ANO: 24 | Nº: 6158

Marcelo Teixeira

marceloct@ymail.com
Advogado e professor universitário - Urcamp
09/02/2019 Marcelo Teixeira (Opinião)

Impessoalidades não existem

Em priscas eras as pessoas sonhavam voar, ambicionavam se movimentar sem contato com o solo, desafiando a lei da gravidade. Os modelos a serem seguidos, imitados e estudados eram os pássaros. Insistiram tanto, pensaram tanto, estudaram tanto que um dia, enfim, conseguiram "sair do chão".

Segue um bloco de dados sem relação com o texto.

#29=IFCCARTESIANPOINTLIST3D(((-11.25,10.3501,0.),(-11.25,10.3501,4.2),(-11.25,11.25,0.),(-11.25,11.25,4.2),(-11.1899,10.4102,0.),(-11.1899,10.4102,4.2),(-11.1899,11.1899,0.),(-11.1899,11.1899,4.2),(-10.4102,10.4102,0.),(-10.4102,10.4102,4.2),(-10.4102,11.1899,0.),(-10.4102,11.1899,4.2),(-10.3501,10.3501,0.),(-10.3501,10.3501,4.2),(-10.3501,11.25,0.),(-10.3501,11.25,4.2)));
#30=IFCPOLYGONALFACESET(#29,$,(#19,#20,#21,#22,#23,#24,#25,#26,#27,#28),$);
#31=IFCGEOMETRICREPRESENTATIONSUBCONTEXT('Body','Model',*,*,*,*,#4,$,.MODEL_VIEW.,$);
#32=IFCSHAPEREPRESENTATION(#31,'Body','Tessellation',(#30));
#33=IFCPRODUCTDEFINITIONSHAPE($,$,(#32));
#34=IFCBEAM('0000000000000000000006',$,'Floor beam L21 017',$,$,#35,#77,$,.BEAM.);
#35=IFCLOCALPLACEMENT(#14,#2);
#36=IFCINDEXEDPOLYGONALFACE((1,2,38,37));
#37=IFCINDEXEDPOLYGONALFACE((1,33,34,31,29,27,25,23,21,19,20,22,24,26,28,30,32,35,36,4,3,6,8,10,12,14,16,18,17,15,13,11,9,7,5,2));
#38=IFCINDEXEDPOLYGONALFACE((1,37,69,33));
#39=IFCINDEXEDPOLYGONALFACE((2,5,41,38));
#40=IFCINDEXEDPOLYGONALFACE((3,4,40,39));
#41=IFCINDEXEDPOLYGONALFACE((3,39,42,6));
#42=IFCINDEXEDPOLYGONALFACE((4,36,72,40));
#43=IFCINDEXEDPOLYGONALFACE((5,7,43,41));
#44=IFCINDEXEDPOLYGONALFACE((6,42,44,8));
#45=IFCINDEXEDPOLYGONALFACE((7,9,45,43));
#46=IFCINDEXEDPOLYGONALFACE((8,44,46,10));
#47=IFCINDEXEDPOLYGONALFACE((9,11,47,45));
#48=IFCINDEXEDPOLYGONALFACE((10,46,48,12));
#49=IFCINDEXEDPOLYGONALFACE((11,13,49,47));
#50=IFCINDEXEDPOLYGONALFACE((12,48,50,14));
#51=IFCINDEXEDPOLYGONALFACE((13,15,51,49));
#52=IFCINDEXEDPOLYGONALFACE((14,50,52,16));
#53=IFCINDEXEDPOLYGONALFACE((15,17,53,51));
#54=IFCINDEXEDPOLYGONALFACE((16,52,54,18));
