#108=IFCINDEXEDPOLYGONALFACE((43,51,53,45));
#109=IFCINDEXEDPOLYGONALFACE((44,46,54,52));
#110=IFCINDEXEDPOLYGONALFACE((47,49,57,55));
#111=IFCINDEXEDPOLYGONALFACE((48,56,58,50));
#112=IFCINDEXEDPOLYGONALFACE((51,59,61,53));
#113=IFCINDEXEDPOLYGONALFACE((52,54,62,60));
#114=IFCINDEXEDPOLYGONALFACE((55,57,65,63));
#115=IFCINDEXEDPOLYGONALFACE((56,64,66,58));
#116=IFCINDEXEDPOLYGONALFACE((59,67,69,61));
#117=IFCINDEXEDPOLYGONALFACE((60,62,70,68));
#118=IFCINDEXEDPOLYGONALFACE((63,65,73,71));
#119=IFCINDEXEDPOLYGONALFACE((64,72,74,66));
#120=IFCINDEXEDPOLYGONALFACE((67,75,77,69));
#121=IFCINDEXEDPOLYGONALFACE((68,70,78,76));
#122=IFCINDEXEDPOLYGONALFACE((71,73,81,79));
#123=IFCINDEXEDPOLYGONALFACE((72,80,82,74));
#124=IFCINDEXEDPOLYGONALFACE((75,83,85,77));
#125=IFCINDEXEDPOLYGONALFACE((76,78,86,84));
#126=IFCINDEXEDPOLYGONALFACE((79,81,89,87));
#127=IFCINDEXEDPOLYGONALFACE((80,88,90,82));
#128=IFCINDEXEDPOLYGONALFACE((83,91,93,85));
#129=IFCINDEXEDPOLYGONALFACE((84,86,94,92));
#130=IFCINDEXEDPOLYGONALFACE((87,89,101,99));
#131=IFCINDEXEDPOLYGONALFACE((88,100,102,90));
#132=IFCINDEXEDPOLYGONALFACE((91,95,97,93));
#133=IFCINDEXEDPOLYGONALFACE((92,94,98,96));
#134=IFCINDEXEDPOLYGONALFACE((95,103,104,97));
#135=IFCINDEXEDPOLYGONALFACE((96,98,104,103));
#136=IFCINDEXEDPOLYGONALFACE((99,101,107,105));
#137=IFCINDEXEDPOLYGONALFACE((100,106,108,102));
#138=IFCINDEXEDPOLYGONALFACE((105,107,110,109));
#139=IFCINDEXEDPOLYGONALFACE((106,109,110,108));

Até antes dessa conquista dos ares, os humanos já ambicionavam, também, atingir outros objetivos não humanos e, para tanto, idealizaram e criaram corporações, instituições, empresas, enfim, pessoas não humanas, pois somente entes não humanos poderiam ter virtudes não humanas. Assim, nasceram as pessoas jurídicas, muitas delas com finalidades nobres, socialmente relevantes, teoricamente mais estáveis, duradouras e inabaláveis que seus membros ou dirigentes.
O Poder Judiciário, por exemplo, instituição criada pelos humanos para mediar os conflitos entre as pessoas e assumir a responsabilidade pela "vingança" das vítimas de crimes e outros ilícitos, é representado por imagens como a balança e a deusa Themis. Imagens criadas para representar virtudes como equilíbrio, isenção, imparcialidade, ponderação, força e justiça. Todavia, quem coloca em prática todas estas virtudes e objetivos do judiciário são os juízes, pessoas comuns sujeitas às tentações e fraquezas humanas. As virtudes do judiciário, então, só se tornariam realidade se os seus representantes fossem igualmente virtuosos, porém eles não são deuses.
Anos atrás, quando o PT ainda estava longe de conquistar o poder, os petistas mais apaixonados diziam que o PT era diferente dos demais partidos pois, independente de quem fosse eleito, o sucesso de suas gestões estaria garantido. Confiavam tanto no programa e no ideário do partido, que seria praticamente impossível algum representante do partido, no exercício de alguma função pública, pudesse macular aquela imagem de único depositário da moral e da ética, construída ao longo de sua existência. O tempo provou que, em diferentes administrações e circunstâncias, isso não era verdade. O que faz diferença numa gestão ou no exercício de um mandato, não é a bandeira do partido nem o seu programa, e sim as virtudes pessoais deste ou daquele mandatário. Por isso, nem todas as gestões petistas foram bem sucedidas. Se fosse uma qualidade do partido, todas gestões seriam igualmente boas ou ruins.
O mesmo acontece nos times de futebol, cooperativas, clubes sociais, sindicatos, fundações, enfim, em todas as pessoas jurídicas, que são ultrassensíveis às iniciativas de seus gestores, provando, em última análise, que o que faz diferença é a qualidade das pessoas que a dirigem e não a qualidade dos estatutos, a tradição ou os princípios que a norteiam. Pessoas corretas, sensíveis, criativas e com atitude são capazes de fazer verdadeiras revoluções no comando das pessoas jurídicas. Pena que pessoas assim não são muito comuns. Se fossem, nossas corporações e instituições seriam bem melhores.
E se o caráter das pessoas jurídicas é tão afetado pelo caráter de seus gestores e representantes, é justo que, na hora da responsabilização por ilícitos, as pessoas físicas assumam proporcionalmente uma quota maior de responsabilidade e não utilizem as pessoas jurídicas como escudo para acobertá-la. As virtudes não humanas das pessoas jurídicas lhes proporcionam uma espécie de imunidade às mais severas sanções legais, pois estas foram elaboradas visando atingir exclusivamente humanos.